Pioneer families and early businessmen have played a key role in the naming of Orange's streets.
In the latest of our series on the city's heritage here are three one-block streets that have changed names.
Today Curran Street is a short street between March and Prince streets.
But historian Ross Maroney said it was originally intended to be three times longer.
Believed to be named after store owner Henry Curran, who owned land on Summer Street including where the current Parkview Hotel sits, it originally started at Summer Street.
By 1925 the southern section alongside Robertson Park had been renamed McNamara Street which was extended from its original location just between Summer and Kite Streets.

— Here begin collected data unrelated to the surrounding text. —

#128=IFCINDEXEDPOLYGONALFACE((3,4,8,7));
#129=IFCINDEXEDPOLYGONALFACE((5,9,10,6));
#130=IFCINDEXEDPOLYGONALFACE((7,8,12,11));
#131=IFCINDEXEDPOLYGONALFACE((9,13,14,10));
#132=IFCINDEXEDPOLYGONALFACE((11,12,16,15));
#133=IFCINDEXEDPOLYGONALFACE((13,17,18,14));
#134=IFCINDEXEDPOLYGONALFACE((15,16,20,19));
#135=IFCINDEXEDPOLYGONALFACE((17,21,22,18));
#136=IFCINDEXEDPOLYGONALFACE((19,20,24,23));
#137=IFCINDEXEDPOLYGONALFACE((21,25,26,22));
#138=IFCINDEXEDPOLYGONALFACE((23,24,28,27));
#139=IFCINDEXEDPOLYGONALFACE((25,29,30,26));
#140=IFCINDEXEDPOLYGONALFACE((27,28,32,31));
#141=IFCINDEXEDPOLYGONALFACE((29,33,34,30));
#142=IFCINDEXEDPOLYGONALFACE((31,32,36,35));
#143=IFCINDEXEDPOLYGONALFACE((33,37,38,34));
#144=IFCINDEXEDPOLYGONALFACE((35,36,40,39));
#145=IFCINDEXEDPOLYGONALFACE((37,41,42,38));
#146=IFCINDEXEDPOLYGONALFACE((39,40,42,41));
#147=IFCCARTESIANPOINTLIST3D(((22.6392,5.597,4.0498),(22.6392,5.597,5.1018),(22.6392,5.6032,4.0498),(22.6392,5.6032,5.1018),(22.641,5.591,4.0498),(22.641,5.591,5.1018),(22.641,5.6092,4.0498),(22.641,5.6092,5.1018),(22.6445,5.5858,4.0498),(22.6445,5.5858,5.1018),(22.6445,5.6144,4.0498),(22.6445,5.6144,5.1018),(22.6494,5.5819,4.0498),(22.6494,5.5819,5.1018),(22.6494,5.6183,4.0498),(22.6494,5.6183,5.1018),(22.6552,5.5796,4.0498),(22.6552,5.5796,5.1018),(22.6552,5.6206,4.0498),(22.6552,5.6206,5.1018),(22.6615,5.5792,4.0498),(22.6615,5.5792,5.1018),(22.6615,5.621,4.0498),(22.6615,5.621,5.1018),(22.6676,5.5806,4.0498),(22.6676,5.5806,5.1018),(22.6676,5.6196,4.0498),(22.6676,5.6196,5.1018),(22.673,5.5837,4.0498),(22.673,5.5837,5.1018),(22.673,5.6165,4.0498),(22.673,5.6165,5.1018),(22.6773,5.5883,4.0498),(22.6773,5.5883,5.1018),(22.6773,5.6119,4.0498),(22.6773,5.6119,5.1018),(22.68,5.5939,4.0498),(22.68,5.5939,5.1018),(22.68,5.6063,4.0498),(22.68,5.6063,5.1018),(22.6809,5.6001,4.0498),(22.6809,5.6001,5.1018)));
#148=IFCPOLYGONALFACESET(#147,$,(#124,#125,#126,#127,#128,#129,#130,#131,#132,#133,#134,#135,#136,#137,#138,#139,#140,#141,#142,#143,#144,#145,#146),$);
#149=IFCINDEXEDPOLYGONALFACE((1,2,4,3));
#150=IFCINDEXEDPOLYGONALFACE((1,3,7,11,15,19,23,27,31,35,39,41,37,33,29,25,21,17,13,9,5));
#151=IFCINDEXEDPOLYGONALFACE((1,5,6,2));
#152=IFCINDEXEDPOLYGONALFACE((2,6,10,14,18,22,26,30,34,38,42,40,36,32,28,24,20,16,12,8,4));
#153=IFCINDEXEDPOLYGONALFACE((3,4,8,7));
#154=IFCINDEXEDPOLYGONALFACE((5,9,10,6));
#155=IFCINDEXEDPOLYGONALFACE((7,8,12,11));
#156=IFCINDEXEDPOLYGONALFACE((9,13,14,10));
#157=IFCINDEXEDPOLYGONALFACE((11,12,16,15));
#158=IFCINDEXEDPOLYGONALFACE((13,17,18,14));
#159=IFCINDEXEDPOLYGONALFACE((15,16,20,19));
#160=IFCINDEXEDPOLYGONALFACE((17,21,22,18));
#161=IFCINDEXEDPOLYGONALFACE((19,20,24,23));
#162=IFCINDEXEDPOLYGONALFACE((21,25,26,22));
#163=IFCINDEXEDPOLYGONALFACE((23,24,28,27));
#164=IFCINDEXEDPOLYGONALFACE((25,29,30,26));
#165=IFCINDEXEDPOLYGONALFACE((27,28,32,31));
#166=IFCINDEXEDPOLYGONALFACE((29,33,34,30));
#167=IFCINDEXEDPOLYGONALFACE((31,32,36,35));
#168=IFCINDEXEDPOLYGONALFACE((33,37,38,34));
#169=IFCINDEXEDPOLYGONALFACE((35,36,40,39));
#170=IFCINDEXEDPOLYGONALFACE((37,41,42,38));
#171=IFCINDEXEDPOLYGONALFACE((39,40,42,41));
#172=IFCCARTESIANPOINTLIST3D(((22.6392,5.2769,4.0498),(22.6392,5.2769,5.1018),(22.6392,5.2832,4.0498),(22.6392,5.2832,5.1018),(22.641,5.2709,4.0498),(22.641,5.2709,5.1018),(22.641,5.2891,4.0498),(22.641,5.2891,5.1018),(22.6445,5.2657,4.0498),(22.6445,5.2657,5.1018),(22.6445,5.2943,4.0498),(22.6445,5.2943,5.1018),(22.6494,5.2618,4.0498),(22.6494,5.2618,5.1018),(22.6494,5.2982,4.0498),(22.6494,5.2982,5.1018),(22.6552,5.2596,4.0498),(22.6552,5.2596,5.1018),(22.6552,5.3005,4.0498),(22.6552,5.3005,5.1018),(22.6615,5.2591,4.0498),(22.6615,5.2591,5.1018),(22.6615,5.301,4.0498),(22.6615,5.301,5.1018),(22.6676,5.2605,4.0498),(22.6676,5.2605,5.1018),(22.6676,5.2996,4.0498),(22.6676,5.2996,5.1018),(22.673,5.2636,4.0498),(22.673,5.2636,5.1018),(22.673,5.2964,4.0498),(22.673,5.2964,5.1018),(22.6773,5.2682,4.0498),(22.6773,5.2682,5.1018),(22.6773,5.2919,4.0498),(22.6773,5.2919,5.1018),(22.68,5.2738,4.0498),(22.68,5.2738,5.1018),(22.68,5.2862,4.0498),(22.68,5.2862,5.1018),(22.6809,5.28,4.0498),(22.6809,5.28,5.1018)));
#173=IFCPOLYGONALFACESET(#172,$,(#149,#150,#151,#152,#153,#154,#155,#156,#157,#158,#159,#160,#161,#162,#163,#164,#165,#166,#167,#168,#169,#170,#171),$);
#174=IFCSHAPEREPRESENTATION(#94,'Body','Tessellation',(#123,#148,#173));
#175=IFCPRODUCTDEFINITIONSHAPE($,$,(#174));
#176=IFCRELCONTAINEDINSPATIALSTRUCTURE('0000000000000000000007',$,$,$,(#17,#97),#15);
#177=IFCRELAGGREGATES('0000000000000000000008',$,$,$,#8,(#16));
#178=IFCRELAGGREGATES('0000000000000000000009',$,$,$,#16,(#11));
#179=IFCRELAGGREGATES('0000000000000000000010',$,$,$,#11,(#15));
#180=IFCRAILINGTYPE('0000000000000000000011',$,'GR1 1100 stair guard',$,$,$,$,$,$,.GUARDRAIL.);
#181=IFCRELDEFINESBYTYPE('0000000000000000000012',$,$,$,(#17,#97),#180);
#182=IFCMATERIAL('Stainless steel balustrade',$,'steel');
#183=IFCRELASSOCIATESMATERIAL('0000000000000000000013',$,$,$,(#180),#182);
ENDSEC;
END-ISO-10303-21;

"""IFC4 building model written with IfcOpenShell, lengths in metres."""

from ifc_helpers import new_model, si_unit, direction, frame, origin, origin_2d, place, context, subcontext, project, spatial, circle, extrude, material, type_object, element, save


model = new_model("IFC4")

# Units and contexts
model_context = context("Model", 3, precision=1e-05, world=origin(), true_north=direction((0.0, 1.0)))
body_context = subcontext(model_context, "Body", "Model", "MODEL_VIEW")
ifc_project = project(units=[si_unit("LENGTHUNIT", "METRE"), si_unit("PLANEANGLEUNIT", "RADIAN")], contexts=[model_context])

The name change likely occurred because the intended middle section of Curran Street was never built and remained a missing link.
Instead that stayed as parkland and is now where the museum/library/tourist office Northcourt precinct sits today.
Orange pioneer Joseph Moulder and his family have played a huge part in the naming of Orange streets.
The one-block street directly south of Wade Park was originally called Endsleigh Street, named after the Moulder family home in Endsleigh Avenue.
It is likely confusion of having two streets with the same name saw the short length renamed as part of the much longer Warrendine Street.
Warrendine Street was created about 1911 when part of the Moulder family estate was sub-divided.
It is named after another Moulder family home, owned by Mr Moulder's son William, which was in Lords Place.
Catto Place is understood to be named after Joseph Moulder's wife Catto Caroline Moulder.
Mr Maroney said the short street was between Edward Street and Endsleigh Avenue to the north of the former Electrolux factory.
The name was retained until it became part of Churchill Avenue which was named after the British war time prime minister Winston Churchill after World War II.
The construction of Churchill Avenue provided a road link between McLachlan Street and Glenroi.